Correlation Between 36Kr Holdings and Quizam Media
Can any of the company-specific risk be diversified away by investing in both 36Kr Holdings and Quizam Media at the same time? Although using a correlation coefficient on its own may not help to predict future stock returns, this module helps to understand the diversifiable risk of combining 36Kr Holdings and Quizam Media into the same portfolio, which is an essential part of the fundamental portfolio management process.

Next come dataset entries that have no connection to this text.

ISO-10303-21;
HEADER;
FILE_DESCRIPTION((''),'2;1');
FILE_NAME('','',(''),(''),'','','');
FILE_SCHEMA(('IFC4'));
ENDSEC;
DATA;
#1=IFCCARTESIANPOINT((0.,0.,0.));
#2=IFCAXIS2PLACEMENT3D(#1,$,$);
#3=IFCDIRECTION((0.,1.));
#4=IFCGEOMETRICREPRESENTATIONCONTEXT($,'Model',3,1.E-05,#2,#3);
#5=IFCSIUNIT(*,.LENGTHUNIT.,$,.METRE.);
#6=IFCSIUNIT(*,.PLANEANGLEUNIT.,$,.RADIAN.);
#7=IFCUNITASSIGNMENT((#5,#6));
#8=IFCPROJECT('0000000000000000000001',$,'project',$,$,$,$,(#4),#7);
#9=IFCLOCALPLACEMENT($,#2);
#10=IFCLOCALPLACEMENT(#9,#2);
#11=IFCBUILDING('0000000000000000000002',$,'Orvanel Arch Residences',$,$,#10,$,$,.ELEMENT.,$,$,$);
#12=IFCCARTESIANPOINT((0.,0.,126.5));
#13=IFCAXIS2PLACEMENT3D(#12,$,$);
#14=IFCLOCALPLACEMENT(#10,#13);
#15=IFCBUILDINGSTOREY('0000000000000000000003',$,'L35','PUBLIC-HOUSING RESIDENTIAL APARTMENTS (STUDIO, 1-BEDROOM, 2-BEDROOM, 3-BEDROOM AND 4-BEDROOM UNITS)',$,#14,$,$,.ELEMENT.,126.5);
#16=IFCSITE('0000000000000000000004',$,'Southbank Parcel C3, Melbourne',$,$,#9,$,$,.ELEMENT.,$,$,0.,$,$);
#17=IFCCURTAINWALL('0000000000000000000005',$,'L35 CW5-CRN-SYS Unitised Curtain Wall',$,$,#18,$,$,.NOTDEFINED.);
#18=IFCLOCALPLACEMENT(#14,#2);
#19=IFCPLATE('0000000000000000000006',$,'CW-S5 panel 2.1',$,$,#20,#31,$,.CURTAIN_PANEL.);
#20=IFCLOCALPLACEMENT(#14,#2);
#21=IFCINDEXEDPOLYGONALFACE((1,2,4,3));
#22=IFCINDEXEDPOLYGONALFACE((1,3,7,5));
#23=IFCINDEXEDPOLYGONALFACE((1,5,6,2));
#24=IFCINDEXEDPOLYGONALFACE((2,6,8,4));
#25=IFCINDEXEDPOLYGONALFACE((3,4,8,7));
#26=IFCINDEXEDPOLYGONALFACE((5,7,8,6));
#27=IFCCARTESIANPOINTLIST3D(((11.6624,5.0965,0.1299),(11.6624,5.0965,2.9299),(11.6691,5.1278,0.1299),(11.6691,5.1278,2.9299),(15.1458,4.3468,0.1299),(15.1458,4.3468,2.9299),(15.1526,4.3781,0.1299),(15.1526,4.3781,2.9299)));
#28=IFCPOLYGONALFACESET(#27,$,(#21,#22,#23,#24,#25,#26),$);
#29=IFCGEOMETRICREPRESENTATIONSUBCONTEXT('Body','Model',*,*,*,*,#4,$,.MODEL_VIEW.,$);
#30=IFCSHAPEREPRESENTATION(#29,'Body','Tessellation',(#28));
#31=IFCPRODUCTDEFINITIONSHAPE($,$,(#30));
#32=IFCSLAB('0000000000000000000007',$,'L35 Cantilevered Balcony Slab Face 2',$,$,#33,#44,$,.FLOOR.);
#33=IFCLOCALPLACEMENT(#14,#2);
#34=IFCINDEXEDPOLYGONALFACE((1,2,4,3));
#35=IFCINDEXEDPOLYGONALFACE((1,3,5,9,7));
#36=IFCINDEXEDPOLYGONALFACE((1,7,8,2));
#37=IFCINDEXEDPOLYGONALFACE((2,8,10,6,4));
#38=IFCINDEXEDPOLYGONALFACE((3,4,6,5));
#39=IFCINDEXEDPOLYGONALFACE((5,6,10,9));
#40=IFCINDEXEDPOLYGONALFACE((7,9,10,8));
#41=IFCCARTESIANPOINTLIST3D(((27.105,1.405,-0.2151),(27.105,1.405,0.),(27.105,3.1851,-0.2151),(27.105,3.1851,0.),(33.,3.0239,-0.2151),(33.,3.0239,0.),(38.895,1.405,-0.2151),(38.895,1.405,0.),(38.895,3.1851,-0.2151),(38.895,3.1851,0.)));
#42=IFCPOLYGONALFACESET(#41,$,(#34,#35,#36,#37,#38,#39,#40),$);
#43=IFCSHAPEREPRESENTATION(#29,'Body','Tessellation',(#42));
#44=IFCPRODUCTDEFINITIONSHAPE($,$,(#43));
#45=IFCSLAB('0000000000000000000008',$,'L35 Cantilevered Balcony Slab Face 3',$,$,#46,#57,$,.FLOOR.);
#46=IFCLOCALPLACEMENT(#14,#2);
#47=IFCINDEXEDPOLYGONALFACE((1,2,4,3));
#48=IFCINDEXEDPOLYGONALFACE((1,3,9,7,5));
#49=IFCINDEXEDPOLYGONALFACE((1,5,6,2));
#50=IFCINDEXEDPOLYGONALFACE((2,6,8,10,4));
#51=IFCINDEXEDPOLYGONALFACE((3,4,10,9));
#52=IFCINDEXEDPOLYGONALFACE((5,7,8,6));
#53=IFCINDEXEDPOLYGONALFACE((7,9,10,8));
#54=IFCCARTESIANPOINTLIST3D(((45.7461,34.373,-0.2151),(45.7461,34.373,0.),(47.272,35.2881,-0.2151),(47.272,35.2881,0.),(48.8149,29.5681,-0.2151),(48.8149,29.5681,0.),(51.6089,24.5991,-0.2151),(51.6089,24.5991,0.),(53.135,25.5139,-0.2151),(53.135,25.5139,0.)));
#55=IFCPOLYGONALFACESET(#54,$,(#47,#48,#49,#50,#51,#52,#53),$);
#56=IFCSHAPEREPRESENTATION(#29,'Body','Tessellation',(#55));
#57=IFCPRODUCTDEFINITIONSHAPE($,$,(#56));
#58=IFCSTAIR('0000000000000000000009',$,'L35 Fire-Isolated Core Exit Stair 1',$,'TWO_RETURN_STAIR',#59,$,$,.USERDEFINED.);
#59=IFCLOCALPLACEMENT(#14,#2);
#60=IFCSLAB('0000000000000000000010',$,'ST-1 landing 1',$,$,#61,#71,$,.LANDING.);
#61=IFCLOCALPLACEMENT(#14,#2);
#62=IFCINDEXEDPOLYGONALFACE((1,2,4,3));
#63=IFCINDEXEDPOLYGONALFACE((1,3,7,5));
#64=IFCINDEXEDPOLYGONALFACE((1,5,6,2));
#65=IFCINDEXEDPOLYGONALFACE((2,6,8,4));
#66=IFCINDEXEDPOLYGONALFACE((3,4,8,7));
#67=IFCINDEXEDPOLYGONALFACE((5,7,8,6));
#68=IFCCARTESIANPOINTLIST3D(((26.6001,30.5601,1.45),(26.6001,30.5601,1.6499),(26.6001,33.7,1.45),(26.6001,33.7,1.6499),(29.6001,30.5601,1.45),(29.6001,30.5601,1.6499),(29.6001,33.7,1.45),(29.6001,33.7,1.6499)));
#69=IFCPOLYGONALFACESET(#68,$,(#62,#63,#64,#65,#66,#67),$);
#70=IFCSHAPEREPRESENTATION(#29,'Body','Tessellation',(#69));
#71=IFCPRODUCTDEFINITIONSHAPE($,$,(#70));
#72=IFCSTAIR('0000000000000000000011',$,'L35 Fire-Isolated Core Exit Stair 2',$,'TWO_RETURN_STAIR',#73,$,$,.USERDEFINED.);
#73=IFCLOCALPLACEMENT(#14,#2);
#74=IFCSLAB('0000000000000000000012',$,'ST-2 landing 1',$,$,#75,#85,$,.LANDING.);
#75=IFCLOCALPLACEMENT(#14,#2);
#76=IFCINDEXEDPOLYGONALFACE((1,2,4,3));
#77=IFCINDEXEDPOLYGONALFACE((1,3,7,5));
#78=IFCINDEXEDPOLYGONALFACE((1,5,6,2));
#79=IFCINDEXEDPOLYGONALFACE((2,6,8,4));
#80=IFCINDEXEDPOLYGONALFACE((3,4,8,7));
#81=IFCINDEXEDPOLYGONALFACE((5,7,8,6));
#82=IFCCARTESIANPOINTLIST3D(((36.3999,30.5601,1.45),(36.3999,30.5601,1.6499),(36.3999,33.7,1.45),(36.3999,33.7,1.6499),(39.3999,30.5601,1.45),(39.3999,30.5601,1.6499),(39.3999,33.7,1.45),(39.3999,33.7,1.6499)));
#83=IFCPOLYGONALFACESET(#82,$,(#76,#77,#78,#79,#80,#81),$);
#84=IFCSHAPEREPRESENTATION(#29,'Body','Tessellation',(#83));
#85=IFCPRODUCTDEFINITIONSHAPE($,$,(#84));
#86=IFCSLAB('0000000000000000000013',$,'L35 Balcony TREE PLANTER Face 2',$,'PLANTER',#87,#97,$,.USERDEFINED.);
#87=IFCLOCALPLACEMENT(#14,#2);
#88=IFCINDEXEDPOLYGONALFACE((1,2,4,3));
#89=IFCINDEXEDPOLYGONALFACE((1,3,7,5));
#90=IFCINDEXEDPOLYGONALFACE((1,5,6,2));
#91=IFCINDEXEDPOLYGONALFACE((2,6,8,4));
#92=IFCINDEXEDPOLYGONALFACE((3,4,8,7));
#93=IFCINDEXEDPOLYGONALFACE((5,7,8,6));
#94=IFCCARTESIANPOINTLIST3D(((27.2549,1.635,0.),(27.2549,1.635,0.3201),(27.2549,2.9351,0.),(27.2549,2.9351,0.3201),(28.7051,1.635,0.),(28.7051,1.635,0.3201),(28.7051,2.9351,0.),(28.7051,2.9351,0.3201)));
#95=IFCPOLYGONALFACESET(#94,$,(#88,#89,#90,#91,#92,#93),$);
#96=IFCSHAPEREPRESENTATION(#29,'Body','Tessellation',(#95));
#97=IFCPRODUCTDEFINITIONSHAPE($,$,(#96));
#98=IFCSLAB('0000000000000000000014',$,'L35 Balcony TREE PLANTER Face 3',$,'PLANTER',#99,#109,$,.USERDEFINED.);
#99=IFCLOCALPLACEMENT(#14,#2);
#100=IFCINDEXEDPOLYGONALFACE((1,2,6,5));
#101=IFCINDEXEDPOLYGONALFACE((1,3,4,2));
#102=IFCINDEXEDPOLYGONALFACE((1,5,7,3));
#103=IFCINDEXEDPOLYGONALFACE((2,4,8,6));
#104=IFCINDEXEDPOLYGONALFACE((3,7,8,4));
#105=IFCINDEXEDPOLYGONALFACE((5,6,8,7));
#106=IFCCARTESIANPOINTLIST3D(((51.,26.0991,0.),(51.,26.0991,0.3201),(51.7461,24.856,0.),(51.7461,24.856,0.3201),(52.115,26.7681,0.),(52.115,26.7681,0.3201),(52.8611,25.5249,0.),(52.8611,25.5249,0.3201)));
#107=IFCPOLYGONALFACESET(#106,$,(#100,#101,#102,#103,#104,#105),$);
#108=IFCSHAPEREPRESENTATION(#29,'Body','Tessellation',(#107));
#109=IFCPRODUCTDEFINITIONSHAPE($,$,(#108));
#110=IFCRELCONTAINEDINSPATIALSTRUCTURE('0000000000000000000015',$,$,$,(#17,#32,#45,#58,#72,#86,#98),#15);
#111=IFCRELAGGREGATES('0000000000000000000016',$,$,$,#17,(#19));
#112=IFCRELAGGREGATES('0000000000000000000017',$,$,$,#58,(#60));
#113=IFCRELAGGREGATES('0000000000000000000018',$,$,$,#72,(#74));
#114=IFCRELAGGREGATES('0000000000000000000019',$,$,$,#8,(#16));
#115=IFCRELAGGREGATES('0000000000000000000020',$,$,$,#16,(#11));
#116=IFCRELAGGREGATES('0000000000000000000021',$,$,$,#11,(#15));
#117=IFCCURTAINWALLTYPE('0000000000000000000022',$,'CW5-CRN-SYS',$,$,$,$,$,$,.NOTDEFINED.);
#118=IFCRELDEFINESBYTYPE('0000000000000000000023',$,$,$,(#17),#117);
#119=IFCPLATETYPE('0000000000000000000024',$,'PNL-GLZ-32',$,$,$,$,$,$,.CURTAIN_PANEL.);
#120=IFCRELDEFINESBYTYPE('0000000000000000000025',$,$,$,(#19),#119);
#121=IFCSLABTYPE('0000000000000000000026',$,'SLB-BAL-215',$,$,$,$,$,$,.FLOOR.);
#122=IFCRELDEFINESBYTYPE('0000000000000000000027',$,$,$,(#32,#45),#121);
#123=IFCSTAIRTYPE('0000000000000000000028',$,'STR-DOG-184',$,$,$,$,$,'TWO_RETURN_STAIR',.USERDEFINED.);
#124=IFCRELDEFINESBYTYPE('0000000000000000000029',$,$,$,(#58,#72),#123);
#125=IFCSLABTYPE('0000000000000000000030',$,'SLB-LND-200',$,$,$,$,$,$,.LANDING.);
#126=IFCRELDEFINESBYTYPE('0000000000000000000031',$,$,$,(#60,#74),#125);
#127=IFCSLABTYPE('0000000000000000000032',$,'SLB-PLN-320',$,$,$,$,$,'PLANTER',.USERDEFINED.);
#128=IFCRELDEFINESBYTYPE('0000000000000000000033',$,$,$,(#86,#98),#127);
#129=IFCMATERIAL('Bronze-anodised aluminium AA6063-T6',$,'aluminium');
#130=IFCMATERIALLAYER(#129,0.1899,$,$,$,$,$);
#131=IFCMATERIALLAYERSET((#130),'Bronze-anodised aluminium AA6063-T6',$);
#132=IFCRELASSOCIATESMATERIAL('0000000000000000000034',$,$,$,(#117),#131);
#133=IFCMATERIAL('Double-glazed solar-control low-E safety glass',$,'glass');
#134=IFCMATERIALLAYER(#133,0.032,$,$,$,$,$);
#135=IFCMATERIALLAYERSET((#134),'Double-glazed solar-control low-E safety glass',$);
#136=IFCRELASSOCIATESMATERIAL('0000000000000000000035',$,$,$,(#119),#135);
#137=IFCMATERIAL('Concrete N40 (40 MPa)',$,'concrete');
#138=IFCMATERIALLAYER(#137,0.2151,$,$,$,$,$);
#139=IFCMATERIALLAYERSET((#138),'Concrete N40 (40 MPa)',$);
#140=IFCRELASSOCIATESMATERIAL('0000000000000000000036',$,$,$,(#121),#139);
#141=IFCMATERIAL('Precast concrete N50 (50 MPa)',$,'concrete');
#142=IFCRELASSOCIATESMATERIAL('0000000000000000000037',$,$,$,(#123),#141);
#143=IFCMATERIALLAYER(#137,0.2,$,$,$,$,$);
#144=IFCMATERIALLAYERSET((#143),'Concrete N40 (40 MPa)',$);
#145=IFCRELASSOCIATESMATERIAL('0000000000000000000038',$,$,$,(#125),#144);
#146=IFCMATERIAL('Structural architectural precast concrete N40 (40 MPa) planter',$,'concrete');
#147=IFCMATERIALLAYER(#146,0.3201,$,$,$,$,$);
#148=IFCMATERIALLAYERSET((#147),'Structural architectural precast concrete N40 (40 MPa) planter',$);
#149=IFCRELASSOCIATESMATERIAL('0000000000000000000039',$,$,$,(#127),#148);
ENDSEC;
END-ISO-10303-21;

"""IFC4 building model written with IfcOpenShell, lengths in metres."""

from ifc_helpers import new_model, si_unit, direction, frame, origin, origin_2d, place, context, subcontext, project, spatial, polyline, rectangle, outline, extrude, material, layer, layer_set, type_object, element, aggregate, save


model = new_model("IFC4")

# Units and contexts
model_context = context("Model", 3, precision=1e-05, world=origin(), true_north=direction((0.0, 1.0)))
body_context = subcontext(model_context, "Body", "Model", "MODEL_VIEW")
ifc_project = project(units=[si_unit("LENGTHUNIT", "METRE"), si_unit("PLANEANGLEUNIT", "RADIAN")], contexts=[model_context])

# Site, building, storey
site_placement = place(None, origin())
site = spatial("IfcSite", under=ifc_project, at=site_placement, Name="Southbank Parcel C3, Melbourne", CompositionType="ELEMENT", RefElevation=0.0)
building_placement = place(site_placement, origin())
building = spatial("IfcBuilding", under=site, at=building_placement, Name="Orvanel Arch Residences", CompositionType="ELEMENT")
storey_placement = place(building_placement, frame((0.0, 0.0, 126.5)))
storey = spatial("IfcBuildingStorey", under=building, at=storey_placement, Name="L35", Description="PUBLIC-HOUSING RESIDENTIAL APARTMENTS (STUDIO, 1-BEDROOM, 2-BEDROOM, 3-BEDROOM AND 4-BEDROOM UNITS)", CompositionType="ELEMENT", Elevation=126.5)

# Shared definitions
ifc_material_1 = material(Name="Bronze-anodised aluminium AA6063-T6", Category="aluminium")
ifc_layer_1 = layer(ifc_material_1, 0.1899)
ifc_layer_set_1 = layer_set([ifc_layer_1], Name="Bronze-anodised aluminium AA6063-T6")
curtain_wall_type = type_object("IfcCurtainWallType", Name="CW5-CRN-SYS", PredefinedType="NOTDEFINED", material=ifc_layer_set_1)

# Curtain wall
curtain_wall_1_placement = place(storey_placement, origin())
curtain_wall_1 = element("IfcCurtainWall", 1, at=curtain_wall_1_placement, inside=storey, type_object=curtain_wall_type, Name="L35 CW5-CRN-SYS Unitised Curtain Wall", PredefinedType="NOTDEFINED")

By analyzing existing cross correlation between 36Kr Holdings and Quizam Media, you can compare the effects of market volatilities on 36Kr Holdings and Quizam Media and check how they will diversify away market risk if combined in the same portfolio for a given time horizon. You can also utilize pair trading strategies of matching a long position in 36Kr Holdings with a short position of Quizam Media. Check out your portfolio center. Please also check ongoing floating volatility patterns of 36Kr Holdings and Quizam Media.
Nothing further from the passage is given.